Key Management Facilities
At the moment both of our KSK facilities are located in the US and a task for us to explore with the community is whether this needs to change. Having facilities in different locations may add resiliency to make it easier to hold ceremonies, but it has the cost of increasing the risk of attack as there are more locations to defend. More facilities will also increase the cost of running the KSK as these facilities are expensive to run and we need to have staff nearby to manage them. Rotating through more facilities means each one lays at rest longer which increases the opportunity for surreptitious activity or decay in operational environment. It will be a complicated discussion to strike the right set of tradeoffs for cost, complexity, resiliency and security.
Global mobility and physical-based security
In a post-pandemic 21st century, is a model founded on distributing trust around the world using physical separation still appropriate? Now that we know that international travel can be impacted so severely, should we rely more on logical sharing of essential elements? Do fundamental aspects need a redesign? For the long-term health of the model, we need to think about the existing design to see if it is still the best way to manage the system.
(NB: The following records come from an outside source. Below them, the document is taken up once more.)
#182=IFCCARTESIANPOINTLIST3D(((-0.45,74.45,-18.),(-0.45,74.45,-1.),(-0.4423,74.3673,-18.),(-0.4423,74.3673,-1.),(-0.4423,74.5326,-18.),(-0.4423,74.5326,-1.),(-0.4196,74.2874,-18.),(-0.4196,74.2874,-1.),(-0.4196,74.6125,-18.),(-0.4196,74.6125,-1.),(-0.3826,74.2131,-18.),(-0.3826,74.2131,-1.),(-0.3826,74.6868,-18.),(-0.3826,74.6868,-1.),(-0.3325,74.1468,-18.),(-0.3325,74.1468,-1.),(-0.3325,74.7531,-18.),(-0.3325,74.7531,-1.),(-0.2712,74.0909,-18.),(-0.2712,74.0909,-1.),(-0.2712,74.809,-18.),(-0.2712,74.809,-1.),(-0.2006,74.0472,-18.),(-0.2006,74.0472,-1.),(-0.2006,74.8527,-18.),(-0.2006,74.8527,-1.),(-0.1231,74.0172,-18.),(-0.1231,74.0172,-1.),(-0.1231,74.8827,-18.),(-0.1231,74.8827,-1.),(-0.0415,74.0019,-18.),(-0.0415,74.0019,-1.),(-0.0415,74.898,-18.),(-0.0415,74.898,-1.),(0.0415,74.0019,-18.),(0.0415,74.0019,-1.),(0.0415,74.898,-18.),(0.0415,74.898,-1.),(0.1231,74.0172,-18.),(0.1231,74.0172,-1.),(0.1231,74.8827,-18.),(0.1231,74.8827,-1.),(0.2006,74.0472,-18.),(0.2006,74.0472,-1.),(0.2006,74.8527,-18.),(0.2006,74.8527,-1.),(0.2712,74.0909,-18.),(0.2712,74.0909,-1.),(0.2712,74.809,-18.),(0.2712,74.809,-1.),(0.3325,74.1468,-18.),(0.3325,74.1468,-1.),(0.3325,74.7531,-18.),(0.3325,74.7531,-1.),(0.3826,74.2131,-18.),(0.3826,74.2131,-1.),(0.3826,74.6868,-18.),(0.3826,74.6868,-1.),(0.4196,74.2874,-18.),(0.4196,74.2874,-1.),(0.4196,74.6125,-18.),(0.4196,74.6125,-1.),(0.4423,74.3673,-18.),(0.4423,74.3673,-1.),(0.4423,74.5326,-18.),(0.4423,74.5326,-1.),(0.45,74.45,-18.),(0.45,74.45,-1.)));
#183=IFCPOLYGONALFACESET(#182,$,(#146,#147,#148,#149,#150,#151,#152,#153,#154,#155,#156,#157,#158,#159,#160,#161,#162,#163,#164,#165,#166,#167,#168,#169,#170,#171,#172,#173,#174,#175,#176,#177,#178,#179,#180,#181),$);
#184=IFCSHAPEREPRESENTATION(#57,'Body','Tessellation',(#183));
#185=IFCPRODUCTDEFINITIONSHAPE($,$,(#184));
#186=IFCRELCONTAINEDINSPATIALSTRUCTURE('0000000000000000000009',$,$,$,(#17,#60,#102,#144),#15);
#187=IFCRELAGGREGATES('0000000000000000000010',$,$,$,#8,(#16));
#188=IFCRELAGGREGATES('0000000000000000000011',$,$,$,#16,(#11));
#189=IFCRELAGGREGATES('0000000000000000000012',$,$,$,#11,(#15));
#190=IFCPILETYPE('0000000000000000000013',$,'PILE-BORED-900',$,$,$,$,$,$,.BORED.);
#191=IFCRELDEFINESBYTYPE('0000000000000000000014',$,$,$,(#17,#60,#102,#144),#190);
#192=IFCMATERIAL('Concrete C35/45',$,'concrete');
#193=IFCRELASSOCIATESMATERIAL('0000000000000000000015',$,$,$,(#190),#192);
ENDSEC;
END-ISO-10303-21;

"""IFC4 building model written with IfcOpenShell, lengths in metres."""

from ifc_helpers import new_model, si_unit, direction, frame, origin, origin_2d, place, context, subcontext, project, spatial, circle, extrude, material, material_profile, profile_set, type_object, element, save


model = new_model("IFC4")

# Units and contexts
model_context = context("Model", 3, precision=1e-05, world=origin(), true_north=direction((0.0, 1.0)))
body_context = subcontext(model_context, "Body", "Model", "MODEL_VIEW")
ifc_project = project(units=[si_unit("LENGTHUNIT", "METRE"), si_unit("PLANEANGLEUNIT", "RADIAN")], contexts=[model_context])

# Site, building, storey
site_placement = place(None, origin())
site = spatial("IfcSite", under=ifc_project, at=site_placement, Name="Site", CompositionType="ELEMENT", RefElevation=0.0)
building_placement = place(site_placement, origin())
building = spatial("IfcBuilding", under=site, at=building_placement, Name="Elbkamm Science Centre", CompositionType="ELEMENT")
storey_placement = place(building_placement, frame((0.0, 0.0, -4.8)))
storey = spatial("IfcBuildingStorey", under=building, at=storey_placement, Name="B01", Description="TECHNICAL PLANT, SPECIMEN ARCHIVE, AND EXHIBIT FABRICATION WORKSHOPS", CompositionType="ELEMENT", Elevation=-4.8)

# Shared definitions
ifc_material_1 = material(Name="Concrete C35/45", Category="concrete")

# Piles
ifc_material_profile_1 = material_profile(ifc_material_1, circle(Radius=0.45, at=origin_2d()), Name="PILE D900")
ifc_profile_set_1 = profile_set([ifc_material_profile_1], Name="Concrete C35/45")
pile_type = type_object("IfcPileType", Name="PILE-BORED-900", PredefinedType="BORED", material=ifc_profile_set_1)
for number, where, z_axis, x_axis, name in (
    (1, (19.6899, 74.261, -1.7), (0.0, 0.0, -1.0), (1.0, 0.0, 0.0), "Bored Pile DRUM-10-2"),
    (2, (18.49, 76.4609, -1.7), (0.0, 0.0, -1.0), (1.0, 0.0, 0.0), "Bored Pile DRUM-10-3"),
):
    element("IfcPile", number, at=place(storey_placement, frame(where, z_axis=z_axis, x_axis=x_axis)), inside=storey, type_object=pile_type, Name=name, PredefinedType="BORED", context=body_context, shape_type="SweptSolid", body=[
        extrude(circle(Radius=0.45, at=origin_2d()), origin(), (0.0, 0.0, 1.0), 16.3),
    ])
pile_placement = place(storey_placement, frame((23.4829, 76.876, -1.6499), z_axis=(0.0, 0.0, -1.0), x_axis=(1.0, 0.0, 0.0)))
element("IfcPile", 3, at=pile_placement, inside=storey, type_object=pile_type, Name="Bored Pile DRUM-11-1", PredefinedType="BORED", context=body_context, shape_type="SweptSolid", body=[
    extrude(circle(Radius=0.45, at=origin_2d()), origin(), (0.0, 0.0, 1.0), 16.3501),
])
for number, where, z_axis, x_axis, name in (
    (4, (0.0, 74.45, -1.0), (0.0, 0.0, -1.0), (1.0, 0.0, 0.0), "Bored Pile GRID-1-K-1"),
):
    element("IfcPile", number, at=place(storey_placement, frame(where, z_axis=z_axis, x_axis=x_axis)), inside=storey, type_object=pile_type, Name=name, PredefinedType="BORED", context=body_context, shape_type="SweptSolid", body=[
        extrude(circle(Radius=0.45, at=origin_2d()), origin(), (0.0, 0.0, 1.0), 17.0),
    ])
Another area of consideration is whether to implement the notion of a “standby key”. If we generate and pre-populate an alternate trust anchor, then it can be put into action if needed via different mechanisms. Benefits of this approach include recovery from force majeure events, but it requires the added cost and complexity of storing the standby key elsewhere to avoid fate sharing with the production key. If we use alternate mechanisms/different facilities than the production key, how do we then secure it to a satisfactory level? And if it is stored in a scaled down facility, when we need to use it how would we perform ceremony operations?
Your help is needed
Ensuring trust in the system is fundamental to how we operate, and we think radical transparency to shine light on the process helps foster trust, as messy as the details may be. New participants are always welcome through participating in future ceremonies (either remotely, or in person when circumstances allow), volunteering to be a TCR, or engaging in discussions on how to evolve the system. New perspective hones our approach and brings our attention to new ideas that we may not have considered before.